Frases como que “no tenemos suficiente dinero para invertir en asuntos no prioritarios como un tren eléctrico”, “es que nosotros somos latinos” o que “no tenemos la cultura que existe en esos países”, se acomodan fácilmente y se asientan en nuestra inacción institucional y ciudadana.

Sin embargo, y es mi opinión muy personal, las verdaderas razones para que no tengamos ciudades amigables con sus habitantes son otras tales como la falta de voluntad política de nuestros gobernantes de turno y la escasez de políticas de estado que aborden el tema del desarrollo urbano, de forma integral.

Si a esto le sumamos la descoordinación y duplicación de funciones en las que están enmarañadas nuestras instituciones, la incapacidad técnica y de gestión de los mandos medios en todas las instancias, la planificación urbana con una visión valle centrista, atomizada y desarticulada, la inacción perenne del MOPT para solucionar integralmente la inmovilidad en nuestro sistema de transporte mas allá de su obtusa visión de solo “mover carros”, el pésimo manejo de los residuos sólidos, la indebida disposición de las aguas servidas y la mala administración del recurso hídrico a nivel cantonal y nacional, tenemos todos los componentes para “la tormenta perfecta” que estamos viviendo no solo en las ciudades GAM, sino en todas las ciudades intermedias fuera de la Meseta Central.

Pero hablar de estos problemas y sus orígenes es casi un lugar común y hay harta literatura técnica al respecto. Ya es hora que dejemos los cientos de estudios y propuestas que van y vienen cada 4 años con el cambio de gobierno y apliquemos las soluciones comunes en las que todos los estudios coinciden y en mi mejor saber y entender, serían las siguientes cinco acciones concretas:

1. Establecer una planificación urbana nacional, local y regional más allá de la Meseta Central promoviendo herramientas de gestión del suelo tales como Transferencia del Potencial Edificable, el Reajuste de Terrenos y los Certificados de Potencial Adicional de Construcción (CEPACs), entre otros.
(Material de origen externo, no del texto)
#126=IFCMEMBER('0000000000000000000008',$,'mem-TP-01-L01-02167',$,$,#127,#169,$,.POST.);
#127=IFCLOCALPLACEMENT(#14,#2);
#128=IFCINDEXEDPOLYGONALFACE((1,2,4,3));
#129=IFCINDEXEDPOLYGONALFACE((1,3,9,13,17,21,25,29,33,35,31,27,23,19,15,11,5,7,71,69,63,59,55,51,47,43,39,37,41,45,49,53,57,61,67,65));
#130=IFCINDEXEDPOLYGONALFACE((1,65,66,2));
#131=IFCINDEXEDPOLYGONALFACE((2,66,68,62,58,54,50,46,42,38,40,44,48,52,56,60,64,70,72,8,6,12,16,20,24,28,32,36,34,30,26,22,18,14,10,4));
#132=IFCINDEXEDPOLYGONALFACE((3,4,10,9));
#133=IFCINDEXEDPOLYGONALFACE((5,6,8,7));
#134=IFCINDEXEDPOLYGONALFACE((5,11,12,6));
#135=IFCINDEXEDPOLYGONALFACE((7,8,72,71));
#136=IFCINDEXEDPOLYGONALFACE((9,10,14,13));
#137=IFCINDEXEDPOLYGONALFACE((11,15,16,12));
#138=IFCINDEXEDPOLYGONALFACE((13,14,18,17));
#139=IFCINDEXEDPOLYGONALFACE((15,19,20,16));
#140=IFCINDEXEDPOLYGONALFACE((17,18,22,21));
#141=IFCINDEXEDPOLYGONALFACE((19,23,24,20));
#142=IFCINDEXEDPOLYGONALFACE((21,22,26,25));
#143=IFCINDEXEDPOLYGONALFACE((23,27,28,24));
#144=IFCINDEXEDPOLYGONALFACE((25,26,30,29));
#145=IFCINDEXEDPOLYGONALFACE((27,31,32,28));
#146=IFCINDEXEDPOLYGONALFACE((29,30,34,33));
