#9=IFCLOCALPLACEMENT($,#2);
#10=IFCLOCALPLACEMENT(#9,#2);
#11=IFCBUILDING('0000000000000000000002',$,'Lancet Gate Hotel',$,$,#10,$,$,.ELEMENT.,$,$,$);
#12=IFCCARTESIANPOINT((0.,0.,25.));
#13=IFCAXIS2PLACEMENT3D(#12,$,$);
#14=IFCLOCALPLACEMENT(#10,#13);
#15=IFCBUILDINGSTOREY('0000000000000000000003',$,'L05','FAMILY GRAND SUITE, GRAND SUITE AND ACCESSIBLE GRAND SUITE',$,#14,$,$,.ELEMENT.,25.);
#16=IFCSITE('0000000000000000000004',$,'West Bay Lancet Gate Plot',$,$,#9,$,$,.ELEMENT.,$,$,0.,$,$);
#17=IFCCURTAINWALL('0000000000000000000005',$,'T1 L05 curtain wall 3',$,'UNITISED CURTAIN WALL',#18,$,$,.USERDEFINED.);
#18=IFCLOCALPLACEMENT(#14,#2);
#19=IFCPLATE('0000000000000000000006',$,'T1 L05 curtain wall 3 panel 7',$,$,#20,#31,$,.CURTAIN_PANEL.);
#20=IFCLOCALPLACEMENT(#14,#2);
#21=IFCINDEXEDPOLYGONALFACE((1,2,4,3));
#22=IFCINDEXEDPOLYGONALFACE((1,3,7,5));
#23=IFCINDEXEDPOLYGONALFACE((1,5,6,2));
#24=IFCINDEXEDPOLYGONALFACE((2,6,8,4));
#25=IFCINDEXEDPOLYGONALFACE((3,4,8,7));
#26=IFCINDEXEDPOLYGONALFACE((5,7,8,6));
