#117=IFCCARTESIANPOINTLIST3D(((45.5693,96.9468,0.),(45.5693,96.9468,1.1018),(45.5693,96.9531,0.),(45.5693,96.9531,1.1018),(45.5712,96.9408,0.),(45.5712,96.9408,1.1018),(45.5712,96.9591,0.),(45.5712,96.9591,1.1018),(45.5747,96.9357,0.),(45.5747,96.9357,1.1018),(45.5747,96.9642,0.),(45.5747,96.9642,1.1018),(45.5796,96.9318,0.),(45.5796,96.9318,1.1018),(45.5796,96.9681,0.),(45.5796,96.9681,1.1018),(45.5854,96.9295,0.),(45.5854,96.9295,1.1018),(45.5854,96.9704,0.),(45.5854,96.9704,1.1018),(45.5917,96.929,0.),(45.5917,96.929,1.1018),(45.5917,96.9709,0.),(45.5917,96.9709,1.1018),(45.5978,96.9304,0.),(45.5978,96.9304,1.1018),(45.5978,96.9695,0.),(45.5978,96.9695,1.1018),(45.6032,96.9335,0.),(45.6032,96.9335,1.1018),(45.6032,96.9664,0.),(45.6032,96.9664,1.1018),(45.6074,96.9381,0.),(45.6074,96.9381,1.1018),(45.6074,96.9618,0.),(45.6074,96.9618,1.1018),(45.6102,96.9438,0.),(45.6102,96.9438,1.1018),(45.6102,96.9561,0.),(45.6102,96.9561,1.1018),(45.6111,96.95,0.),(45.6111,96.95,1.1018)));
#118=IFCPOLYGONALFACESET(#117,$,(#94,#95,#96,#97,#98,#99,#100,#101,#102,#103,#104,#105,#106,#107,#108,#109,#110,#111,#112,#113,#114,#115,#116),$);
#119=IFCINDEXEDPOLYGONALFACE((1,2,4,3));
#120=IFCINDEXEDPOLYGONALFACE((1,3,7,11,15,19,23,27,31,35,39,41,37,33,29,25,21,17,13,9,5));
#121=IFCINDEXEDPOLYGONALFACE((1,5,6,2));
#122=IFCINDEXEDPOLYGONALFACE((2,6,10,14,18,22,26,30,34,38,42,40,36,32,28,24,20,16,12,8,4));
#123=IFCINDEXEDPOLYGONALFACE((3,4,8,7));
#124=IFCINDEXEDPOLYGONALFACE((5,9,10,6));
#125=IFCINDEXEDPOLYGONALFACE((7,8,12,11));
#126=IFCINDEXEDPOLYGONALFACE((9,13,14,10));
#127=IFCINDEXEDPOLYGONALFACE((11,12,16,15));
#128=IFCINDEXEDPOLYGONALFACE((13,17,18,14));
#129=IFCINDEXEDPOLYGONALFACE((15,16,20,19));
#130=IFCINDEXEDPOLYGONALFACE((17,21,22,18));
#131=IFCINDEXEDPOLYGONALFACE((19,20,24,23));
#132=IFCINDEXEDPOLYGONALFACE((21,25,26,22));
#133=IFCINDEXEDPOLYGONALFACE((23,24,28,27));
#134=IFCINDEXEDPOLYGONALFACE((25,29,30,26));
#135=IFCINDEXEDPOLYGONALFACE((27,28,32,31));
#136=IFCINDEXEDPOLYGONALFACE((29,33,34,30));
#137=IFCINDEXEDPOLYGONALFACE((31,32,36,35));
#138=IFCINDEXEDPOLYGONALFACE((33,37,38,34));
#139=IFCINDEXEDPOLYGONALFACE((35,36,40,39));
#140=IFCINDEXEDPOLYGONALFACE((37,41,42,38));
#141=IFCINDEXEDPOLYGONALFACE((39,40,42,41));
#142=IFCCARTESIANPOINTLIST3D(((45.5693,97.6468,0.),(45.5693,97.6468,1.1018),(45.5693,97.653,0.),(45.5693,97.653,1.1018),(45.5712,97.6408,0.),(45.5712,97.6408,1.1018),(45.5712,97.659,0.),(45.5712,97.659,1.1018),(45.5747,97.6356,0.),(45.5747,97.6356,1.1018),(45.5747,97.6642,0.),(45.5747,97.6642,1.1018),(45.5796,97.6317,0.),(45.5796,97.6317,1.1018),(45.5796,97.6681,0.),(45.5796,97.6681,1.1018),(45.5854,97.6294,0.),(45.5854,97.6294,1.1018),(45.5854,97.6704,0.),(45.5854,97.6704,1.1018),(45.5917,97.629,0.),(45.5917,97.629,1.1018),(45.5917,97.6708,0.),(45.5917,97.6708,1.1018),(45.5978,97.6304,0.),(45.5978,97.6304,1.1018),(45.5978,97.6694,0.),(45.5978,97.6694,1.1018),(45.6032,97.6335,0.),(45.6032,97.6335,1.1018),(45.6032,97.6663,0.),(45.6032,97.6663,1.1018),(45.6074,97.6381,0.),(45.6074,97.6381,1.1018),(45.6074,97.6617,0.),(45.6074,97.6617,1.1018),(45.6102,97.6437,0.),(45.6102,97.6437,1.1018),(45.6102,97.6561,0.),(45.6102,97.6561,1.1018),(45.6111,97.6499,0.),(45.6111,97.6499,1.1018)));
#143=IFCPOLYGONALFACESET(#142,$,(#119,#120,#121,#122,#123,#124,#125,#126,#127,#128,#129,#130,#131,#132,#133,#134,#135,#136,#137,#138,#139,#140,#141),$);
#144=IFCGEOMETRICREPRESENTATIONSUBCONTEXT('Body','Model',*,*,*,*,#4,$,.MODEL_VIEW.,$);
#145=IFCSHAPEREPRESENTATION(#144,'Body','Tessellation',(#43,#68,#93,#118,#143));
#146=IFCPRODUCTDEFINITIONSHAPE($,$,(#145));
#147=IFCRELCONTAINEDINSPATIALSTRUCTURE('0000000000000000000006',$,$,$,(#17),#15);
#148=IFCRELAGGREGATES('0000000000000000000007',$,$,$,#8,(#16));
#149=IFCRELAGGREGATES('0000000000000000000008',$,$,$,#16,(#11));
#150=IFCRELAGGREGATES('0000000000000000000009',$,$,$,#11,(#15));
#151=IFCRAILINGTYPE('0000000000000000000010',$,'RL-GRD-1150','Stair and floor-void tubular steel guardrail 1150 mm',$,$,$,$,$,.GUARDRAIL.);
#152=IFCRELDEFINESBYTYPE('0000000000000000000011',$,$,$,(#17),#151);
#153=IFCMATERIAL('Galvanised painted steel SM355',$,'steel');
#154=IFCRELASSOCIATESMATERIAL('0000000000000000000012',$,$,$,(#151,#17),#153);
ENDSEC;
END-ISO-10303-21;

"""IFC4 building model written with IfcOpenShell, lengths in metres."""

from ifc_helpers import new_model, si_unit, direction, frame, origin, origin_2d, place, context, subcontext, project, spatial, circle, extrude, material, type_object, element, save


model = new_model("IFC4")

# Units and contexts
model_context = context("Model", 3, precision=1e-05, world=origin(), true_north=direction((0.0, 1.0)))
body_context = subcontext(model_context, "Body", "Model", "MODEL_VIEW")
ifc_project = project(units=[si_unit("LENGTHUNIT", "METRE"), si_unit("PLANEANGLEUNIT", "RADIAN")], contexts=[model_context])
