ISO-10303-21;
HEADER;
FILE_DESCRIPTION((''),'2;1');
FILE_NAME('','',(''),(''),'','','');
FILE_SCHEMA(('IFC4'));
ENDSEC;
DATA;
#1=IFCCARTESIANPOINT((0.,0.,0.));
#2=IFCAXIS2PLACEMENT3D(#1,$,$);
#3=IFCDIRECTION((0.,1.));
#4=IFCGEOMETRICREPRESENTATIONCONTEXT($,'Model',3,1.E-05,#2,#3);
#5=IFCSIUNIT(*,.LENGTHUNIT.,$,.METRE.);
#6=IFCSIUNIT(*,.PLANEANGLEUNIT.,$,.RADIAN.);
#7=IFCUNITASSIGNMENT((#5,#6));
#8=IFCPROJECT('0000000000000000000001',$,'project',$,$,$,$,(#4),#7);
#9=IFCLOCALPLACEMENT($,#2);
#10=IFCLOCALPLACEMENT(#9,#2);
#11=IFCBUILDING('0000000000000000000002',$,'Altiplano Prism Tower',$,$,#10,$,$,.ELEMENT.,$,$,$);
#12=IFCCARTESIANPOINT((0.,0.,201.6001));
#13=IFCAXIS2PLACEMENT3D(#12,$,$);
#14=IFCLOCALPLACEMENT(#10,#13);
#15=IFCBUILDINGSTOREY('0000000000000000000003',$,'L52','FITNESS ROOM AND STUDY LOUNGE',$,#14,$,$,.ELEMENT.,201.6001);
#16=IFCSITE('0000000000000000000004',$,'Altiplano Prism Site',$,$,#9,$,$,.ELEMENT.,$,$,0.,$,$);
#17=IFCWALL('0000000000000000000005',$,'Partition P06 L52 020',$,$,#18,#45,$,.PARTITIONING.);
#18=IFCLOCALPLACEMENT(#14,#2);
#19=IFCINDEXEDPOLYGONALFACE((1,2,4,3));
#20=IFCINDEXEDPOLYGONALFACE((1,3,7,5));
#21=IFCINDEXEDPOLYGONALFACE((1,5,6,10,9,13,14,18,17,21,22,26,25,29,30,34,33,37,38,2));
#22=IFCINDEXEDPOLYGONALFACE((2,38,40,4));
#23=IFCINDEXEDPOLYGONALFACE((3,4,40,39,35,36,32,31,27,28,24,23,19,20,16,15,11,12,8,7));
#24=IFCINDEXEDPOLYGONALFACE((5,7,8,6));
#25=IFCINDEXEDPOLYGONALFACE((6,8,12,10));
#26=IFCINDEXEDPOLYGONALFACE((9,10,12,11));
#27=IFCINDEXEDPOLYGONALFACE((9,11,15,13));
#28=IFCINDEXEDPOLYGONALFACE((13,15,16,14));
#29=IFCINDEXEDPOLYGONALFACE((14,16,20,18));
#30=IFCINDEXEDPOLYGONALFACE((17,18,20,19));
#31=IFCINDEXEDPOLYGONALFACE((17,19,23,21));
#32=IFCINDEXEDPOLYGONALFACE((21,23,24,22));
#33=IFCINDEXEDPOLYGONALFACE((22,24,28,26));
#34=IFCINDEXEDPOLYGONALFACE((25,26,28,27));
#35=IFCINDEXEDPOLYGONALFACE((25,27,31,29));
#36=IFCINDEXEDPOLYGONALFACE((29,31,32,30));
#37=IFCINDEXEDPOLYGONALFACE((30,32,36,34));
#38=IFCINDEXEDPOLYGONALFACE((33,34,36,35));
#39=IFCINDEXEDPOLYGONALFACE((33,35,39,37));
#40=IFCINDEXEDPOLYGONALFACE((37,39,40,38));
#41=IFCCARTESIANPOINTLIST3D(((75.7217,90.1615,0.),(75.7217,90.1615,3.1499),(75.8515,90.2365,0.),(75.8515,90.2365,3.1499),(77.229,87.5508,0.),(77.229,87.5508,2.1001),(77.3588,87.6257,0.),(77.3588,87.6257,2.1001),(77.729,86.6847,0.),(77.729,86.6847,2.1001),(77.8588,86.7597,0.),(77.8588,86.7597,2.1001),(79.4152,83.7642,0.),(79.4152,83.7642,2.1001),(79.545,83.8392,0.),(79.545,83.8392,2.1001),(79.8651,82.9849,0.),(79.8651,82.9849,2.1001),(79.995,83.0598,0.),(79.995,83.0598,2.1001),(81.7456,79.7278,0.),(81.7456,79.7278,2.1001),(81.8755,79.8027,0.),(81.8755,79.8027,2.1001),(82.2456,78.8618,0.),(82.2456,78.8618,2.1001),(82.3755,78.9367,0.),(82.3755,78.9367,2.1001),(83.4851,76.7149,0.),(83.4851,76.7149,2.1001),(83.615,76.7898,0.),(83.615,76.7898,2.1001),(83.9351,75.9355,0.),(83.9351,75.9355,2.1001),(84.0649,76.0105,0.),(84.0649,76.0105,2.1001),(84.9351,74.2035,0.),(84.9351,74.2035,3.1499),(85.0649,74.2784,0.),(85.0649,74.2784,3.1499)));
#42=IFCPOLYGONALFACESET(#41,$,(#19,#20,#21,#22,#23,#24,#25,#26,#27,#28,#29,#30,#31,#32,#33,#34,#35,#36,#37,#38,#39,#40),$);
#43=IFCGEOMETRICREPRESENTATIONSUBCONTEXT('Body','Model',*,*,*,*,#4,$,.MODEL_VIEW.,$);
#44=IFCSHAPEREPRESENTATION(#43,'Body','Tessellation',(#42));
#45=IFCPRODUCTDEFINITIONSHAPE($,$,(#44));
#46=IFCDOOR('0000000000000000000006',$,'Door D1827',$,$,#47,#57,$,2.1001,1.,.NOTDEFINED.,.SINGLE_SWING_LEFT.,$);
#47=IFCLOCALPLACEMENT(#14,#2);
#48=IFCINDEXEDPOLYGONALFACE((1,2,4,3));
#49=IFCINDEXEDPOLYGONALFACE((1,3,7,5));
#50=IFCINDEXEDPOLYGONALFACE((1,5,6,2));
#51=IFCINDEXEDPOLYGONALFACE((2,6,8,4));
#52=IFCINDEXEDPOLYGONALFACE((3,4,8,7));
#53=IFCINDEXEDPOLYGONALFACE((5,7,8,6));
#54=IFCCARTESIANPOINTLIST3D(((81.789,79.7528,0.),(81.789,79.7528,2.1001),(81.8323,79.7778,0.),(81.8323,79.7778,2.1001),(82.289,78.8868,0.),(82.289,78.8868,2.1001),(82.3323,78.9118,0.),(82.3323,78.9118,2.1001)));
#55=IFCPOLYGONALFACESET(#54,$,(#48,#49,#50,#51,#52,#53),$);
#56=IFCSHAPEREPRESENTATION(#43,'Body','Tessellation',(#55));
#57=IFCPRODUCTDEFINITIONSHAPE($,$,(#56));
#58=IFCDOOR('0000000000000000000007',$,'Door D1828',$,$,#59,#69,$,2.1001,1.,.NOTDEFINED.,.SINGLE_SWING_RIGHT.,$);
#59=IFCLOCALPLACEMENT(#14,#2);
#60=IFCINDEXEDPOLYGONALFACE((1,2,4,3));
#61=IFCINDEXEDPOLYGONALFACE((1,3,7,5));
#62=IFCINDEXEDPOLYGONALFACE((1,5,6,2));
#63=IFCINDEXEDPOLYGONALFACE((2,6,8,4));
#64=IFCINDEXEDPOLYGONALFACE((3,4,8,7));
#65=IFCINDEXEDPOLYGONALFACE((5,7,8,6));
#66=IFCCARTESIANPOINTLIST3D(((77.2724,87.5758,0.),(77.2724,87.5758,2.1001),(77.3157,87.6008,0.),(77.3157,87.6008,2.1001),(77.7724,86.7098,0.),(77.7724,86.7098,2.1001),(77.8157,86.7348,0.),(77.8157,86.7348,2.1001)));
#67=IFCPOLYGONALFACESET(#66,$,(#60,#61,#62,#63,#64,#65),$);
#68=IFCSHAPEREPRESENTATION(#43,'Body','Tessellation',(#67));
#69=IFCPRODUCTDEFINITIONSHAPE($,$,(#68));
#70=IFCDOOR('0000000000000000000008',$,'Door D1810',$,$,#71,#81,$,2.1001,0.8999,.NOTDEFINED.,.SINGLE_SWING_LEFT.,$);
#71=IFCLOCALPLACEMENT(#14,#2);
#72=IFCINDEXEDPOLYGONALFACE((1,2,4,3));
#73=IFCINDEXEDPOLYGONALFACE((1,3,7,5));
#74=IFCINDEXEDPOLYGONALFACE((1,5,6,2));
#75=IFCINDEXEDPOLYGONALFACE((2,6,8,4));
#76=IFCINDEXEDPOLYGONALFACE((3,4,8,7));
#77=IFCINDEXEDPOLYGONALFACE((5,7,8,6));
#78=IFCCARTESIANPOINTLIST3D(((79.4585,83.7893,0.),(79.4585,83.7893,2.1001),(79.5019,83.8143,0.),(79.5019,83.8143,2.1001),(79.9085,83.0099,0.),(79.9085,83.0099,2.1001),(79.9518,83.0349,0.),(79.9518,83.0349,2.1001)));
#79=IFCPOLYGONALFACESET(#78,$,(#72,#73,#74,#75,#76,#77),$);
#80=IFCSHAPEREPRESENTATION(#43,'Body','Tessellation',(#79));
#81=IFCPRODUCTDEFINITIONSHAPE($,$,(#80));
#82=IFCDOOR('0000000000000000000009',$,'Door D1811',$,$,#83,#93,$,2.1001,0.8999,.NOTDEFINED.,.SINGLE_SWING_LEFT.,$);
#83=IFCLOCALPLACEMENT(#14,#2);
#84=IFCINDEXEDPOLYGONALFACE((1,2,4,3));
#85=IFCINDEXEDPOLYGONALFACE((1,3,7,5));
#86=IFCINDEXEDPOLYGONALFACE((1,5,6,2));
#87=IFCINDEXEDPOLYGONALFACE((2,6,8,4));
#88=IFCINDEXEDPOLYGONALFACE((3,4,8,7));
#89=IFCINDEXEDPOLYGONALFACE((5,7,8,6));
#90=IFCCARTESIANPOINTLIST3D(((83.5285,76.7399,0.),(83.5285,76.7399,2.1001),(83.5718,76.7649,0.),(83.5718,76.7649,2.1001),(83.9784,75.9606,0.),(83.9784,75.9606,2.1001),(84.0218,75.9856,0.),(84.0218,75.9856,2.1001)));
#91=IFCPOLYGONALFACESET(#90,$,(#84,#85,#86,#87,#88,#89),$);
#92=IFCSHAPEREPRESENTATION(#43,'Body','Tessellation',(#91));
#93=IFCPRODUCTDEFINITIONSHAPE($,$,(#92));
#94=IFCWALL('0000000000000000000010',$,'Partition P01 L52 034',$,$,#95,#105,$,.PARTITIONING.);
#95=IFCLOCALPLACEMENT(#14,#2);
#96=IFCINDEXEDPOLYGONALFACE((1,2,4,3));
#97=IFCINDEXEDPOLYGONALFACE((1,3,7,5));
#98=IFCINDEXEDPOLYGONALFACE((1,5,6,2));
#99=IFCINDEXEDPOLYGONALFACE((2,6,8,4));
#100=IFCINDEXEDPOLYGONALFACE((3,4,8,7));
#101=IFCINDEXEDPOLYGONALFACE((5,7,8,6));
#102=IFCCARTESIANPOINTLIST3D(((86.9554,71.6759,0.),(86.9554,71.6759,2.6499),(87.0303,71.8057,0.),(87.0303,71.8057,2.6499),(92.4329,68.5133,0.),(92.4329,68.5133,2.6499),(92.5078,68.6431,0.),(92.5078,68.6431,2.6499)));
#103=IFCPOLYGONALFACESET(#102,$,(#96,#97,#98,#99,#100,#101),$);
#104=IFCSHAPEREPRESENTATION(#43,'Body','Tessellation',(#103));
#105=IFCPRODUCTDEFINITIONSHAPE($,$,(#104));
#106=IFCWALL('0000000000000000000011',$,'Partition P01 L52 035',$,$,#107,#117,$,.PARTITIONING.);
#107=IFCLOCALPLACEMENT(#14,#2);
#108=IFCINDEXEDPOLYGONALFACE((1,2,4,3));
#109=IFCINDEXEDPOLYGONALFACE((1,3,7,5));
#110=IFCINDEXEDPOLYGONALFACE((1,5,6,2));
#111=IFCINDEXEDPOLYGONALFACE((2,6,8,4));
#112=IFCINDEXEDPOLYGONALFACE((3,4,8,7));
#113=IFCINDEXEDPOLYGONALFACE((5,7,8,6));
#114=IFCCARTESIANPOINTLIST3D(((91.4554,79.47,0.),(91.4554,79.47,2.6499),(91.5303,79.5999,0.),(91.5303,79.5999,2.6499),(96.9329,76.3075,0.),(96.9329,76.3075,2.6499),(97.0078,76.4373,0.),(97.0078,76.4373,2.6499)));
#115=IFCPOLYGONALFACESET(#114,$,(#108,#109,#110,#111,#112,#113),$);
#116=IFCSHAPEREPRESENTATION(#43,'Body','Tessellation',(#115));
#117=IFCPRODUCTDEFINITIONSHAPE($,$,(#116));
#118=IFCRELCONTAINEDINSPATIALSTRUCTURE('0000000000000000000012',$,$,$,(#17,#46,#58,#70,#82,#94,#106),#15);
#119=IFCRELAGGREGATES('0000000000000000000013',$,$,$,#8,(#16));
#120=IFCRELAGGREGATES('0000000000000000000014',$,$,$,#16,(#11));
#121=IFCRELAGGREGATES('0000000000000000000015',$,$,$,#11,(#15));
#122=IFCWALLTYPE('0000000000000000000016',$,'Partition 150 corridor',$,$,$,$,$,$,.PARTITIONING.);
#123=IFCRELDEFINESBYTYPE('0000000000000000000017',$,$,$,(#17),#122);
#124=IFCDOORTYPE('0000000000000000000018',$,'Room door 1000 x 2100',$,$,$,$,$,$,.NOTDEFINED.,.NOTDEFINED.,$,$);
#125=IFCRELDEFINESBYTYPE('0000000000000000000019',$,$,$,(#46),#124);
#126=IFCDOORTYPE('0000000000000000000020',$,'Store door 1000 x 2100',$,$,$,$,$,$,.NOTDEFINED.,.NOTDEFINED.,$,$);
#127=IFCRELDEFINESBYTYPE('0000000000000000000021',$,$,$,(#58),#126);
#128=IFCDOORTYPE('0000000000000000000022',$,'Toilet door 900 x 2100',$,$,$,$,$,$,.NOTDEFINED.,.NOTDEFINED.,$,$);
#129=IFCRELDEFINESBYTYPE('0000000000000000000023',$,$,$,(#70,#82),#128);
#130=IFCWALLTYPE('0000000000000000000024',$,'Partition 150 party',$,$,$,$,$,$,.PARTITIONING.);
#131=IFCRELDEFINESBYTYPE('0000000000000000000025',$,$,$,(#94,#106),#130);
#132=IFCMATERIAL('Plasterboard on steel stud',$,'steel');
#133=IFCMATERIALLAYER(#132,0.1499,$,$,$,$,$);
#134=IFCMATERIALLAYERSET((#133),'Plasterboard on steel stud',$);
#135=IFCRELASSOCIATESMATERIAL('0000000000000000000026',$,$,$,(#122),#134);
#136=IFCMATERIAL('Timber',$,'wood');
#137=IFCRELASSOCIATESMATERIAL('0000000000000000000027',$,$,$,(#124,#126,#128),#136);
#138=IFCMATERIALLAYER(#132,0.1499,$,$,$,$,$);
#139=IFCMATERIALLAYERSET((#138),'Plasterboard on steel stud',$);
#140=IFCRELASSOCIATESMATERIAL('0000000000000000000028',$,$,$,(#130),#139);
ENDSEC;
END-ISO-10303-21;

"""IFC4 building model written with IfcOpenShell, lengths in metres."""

from ifc_helpers import new_model, si_unit, direction, frame, frame_2d, origin, place, context, subcontext, project, spatial, rectangle, extrude, material, layer, layer_set, type_object, element, fill, save


model = new_model("IFC4")

# Units and contexts
model_context = context("Model", 3, precision=1e-05, world=origin(), true_north=direction((0.0, 1.0)))
body_context = subcontext(model_context, "Body", "Model", "MODEL_VIEW")
ifc_project = project(units=[si_unit("LENGTHUNIT", "METRE"), si_unit("PLANEANGLEUNIT", "RADIAN")], contexts=[model_context])

# Site, building, storey
site_placement = place(None, origin())
site = spatial("IfcSite", under=ifc_project, at=site_placement, Name="Altiplano Prism Site", CompositionType="ELEMENT", RefElevation=0.0)
building_placement = place(site_placement, origin())
building = spatial("IfcBuilding", under=site, at=building_placement, Name="Altiplano Prism Tower", CompositionType="ELEMENT")
storey_placement = place(building_placement, frame((0.0, 0.0, 201.6001)))
storey = spatial("IfcBuildingStorey", under=building, at=storey_placement, Name="L52", Description="FITNESS ROOM AND STUDY LOUNGE", CompositionType="ELEMENT", Elevation=201.6001)

# Wall, openings, doors
ifc_material_1 = material(Name="Plasterboard on steel stud", Category="steel")
ifc_layer_1 = layer(ifc_material_1, 0.1499)
ifc_layer_set_1 = layer_set([ifc_layer_1], Name="Plasterboard on steel stud")
wall_type_1 = type_object("IfcWallType", Name="Partition 150 corridor", PredefinedType="PARTITIONING", material=ifc_layer_set_1)
wall_placement = place(storey_placement, frame((85.0, 74.241, 0.0), z_axis=(0.0, 0.0, 1.0), x_axis=(-0.500001, 0.866025, 0.0)))
wall = element("IfcWall", 1, at=wall_placement, inside=storey, type_object=wall_type_1, Name="Partition P06 L52 020", PredefinedType="PARTITIONING", context=body_context, shape_type="SweptSolid", body=[
    extrude(rectangle(XDim=18.4268, YDim=0.1499, at=frame_2d((9.2134, 0.0))), origin(), (0.0, 0.0, 1.0), 3.1499),
])
opening_1_placement = place(wall_placement, frame((10.1399, 0.0, 0.0)))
2. Adoptar de lleno la Nueva Agenda Urbana y ODS como hoja de ruta en todos los planes reguladores del país.

3. Implementar el Desarrollo Urbano Orientado al Transporte (DUOT o DOT) como principal estrategia de gestión territorial paulatinamente y en fases progresivas, utilizando la acupuntura urbana y planes piloto en un inicio para su posterior implementación masiva en todo el país.

4. Involucrar a cada comunidad a través de la participación ciudadana en el análisis de sus problemas urbanos, en la propuesta de soluciones a aplicar, en la implementación de las mismas y en el seguimiento y operación de los proyectos específicos de cada una de ellas.

5. Incluir la perspectiva y equidad de género en cada uno de los puntos mencionados arriba ya que, si no tomamos en cuenta a la mitad de la población en las soluciones urbanas a proponer, nunca lograremos satisfacer las necesidades de la mayoría

Algunas personas pensarán que este último punto es el menos técnico de los cinco mencionados y puede ser, no obstante, es el más incluyente y solidario de todos, ya que si diseñamos nuestras ciudades de tal forma que las poblaciones vulnerables -mujeres, niños(as) y personas adultas mayores- vivan más felices en ellas, realmente serán ciudades más seguras y pacíficas para todo el resto de la ciudadanía.

Es por eso que la afirmación de que el futuro tiene que ser feminista, no se debe interpretar simplemente como una frase progre mas, ni pensar que es una falsa condescendencia de macho de-construido. La afirmación es totalmente válida si queremos transformar nuestras urbes para que sean más seguras, sostenibles, equitativas, incluyentes, resilientes y regenerativas, ya que, forzosamente, debemos incorporar en los procesos de desarrollo urbano y gestión territorial, al otro 50% de la población mundial que, históricamente, hemos excluido.